Do this exercise if you finished early and have time to play with a more complex neural network. We will now tune a multi-layer perceptron to predict age based on the volumes of six distinct brain regions.

First, we will load the dataset with 6 brain structures. Please note that executing the code below will replace the previous dataset.

**Task 5.1:** FThere are a few missing parts in the code that need to be filled in to convert the feature matrix and target vector from numpy arrays to a format that's suitable for Pytorch training. Can you spot and fill them? Your journey into the deeper realms of neural networks begins now!

In [None]:
# only do this if you work on Google Colab
# run the cell
# then upload file 'GA-brain-volumes-6-features.csv'

from google.colab import files
files.upload()

In [None]:
X,y = CreateFeaturesTargets('GA-brain-volumes-6-features.csv')

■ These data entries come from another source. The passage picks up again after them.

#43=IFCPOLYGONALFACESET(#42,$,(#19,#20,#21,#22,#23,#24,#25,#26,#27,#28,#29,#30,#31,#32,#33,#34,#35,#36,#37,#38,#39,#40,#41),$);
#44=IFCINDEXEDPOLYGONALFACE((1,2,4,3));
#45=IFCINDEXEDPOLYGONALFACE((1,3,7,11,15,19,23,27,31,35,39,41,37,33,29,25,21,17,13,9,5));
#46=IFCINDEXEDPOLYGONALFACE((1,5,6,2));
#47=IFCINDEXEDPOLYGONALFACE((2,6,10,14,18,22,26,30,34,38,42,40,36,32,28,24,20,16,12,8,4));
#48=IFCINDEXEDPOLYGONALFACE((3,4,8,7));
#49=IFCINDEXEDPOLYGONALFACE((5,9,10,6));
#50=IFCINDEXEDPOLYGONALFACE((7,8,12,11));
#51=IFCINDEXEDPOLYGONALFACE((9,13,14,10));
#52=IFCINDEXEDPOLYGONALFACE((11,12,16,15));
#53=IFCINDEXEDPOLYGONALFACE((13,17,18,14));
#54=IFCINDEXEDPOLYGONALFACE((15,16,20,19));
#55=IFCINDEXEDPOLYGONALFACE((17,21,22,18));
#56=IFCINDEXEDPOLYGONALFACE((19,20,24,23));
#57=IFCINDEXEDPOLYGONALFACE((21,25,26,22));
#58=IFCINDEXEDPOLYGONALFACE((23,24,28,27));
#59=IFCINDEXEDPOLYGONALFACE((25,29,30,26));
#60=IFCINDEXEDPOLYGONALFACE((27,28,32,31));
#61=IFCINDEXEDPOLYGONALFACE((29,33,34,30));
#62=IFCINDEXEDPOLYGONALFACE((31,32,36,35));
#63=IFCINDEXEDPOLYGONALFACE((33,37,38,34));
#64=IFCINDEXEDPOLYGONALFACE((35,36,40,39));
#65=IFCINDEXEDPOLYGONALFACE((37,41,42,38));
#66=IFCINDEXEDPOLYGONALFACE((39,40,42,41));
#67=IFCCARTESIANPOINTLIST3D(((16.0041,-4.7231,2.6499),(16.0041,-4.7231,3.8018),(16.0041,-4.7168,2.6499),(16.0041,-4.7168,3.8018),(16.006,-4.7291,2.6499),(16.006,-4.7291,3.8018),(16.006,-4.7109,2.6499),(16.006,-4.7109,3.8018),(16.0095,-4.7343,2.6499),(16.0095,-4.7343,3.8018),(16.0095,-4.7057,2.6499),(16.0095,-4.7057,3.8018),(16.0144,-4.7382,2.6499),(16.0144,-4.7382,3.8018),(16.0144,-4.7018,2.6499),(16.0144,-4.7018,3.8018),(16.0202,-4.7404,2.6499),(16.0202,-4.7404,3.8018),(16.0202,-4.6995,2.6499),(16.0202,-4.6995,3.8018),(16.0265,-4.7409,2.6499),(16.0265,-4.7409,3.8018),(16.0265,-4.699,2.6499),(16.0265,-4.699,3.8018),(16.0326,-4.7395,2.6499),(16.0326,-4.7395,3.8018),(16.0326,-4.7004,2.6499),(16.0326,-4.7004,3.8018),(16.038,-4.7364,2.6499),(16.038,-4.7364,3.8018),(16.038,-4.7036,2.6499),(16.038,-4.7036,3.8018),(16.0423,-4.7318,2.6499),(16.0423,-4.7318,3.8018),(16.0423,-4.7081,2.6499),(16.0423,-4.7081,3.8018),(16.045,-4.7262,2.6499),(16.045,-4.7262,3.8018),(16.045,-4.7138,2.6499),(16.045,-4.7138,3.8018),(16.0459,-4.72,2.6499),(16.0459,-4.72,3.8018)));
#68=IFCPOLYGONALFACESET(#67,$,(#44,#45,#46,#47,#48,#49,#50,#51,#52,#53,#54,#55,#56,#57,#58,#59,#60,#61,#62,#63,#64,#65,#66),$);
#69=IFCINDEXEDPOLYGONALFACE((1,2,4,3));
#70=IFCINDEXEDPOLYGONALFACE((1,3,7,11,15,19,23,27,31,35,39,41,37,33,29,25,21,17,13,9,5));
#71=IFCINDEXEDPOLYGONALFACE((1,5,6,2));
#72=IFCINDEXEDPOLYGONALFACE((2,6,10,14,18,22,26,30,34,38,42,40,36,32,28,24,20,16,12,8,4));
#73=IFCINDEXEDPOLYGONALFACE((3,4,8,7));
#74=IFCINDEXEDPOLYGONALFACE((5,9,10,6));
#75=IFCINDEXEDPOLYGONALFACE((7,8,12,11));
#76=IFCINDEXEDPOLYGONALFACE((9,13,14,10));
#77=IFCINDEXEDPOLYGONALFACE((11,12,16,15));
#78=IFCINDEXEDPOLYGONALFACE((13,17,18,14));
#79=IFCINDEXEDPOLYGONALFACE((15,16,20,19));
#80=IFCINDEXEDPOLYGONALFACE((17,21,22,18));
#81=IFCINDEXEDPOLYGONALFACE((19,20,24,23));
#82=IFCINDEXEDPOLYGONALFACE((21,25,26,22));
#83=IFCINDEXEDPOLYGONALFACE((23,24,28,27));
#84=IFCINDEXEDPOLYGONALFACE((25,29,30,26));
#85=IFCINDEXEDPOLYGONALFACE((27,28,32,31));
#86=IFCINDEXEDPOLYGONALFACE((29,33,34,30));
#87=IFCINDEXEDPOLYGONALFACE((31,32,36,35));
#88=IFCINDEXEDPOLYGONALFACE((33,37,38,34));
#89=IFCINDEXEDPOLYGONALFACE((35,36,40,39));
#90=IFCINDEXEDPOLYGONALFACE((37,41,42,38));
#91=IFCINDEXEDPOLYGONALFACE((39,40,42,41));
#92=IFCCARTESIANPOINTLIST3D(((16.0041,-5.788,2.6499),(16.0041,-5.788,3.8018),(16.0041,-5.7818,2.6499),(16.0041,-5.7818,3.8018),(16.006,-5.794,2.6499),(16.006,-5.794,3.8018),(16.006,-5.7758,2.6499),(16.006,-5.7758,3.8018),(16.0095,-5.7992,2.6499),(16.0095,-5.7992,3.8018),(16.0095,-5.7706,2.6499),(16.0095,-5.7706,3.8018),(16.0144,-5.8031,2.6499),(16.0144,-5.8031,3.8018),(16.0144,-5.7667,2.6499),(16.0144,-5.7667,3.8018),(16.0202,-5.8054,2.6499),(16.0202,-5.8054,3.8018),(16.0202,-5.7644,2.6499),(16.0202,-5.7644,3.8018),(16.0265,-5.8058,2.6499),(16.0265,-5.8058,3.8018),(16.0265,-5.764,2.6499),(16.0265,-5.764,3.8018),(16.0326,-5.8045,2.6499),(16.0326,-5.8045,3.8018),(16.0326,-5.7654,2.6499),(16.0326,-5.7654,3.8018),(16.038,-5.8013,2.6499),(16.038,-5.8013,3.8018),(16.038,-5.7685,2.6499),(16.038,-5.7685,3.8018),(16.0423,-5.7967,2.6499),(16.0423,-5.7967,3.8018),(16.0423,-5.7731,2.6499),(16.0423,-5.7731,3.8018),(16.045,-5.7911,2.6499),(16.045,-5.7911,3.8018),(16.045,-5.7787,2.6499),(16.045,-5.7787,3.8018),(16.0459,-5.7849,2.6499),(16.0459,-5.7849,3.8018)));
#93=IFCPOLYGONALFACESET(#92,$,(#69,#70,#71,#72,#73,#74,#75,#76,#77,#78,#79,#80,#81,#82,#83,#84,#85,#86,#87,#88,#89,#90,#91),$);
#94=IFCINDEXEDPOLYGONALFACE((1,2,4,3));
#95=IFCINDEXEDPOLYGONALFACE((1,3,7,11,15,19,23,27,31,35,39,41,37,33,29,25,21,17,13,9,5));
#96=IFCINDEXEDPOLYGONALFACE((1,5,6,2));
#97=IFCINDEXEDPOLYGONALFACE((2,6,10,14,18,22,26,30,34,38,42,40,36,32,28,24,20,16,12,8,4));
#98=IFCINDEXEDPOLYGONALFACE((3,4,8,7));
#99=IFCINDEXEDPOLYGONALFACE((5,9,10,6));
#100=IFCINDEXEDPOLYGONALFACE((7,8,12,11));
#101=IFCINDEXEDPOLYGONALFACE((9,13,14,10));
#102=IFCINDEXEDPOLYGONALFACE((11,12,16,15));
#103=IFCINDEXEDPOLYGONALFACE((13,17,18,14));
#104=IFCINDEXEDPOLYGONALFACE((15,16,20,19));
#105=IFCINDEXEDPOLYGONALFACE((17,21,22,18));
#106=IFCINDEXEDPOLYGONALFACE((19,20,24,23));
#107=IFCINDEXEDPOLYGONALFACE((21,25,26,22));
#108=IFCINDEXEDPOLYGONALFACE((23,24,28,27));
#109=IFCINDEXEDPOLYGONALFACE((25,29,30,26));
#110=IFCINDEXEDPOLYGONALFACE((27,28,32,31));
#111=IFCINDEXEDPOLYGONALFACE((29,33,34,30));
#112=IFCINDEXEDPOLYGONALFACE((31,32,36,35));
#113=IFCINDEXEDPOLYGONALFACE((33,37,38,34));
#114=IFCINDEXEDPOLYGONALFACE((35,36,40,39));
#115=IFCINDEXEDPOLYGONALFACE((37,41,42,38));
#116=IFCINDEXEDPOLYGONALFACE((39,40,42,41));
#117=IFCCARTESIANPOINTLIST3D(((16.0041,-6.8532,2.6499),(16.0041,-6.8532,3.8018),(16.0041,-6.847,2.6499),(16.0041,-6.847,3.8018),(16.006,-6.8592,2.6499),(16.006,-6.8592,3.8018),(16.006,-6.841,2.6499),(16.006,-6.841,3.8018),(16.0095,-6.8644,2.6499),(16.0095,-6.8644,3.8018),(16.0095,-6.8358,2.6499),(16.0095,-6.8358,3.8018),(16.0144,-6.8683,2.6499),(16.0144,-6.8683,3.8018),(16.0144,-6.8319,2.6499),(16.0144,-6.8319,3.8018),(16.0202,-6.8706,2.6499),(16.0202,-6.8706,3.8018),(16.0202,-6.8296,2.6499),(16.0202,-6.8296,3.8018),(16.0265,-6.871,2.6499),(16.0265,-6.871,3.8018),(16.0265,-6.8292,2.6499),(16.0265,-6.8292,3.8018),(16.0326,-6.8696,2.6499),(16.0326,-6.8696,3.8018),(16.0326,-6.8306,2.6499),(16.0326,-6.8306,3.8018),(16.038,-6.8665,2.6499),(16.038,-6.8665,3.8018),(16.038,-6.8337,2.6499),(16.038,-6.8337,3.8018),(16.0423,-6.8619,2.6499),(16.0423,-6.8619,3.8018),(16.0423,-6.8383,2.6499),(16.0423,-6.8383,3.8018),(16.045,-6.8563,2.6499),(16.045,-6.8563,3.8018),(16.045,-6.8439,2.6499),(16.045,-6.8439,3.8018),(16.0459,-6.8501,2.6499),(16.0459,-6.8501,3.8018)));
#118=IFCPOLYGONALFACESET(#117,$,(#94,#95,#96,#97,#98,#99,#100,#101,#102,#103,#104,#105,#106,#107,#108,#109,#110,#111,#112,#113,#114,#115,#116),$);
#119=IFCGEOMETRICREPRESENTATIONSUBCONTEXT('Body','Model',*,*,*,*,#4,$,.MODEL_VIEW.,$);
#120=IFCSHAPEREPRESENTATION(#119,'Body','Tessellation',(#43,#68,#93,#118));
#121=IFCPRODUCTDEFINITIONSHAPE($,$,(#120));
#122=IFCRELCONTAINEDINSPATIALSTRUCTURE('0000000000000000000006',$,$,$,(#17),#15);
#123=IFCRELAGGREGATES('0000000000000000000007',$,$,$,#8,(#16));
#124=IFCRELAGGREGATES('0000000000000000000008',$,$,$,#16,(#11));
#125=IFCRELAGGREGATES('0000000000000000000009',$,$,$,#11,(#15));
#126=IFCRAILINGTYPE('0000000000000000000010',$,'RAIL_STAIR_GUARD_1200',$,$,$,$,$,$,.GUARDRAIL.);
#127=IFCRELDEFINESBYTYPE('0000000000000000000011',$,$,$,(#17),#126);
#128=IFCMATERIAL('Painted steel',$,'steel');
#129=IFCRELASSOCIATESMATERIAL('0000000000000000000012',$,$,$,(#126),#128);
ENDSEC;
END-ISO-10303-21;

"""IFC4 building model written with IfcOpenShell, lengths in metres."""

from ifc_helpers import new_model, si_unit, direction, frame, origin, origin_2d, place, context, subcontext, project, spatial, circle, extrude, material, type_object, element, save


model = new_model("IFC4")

# perform scaling of the target values to support better convergence
target_scaler = StandardScaler()
y = target_scaler.fit_transform(y)

print('Number of samples is', X.shape[0])
print('Number of features is', X.shape[1])

# convert to tensors
X = None
y = None
print('X shape: ', X.shape)
print('y shape: ', y.shape)
print('X type: ', X.type())
print('y type: ', y.type())

**Task 5.2:** Create training, validation and test set similarly to exercise 4.

In [None]:
# extract test set


# extract validation set


# display info
print('Training samples: ', y_train.shape[0])
print('Validation samples: ', y_val.shape[0])
print('Test samples: ', y_test.shape[0])

**Task 5.3:** Time for some fun with training and performance evaluation! Use the same code you developed in Exercise 4. All you need to change is the architecture, adapting it to take in 6 input features. Everything else should work as is. Fiddle around with the learning rate to achieve the best performance.

**Task 5.4:** Implement a multi-layer perceptron architecture with the following specs:

* The first `Linear` layer should have with 6 outputs
* Apply `ReLU` activation
* Follow this up with a second `Linear` layer, with 6 inputs and 1 output.

Does this non-linear network give you better results? Dive in and discover for yourself! Good luck!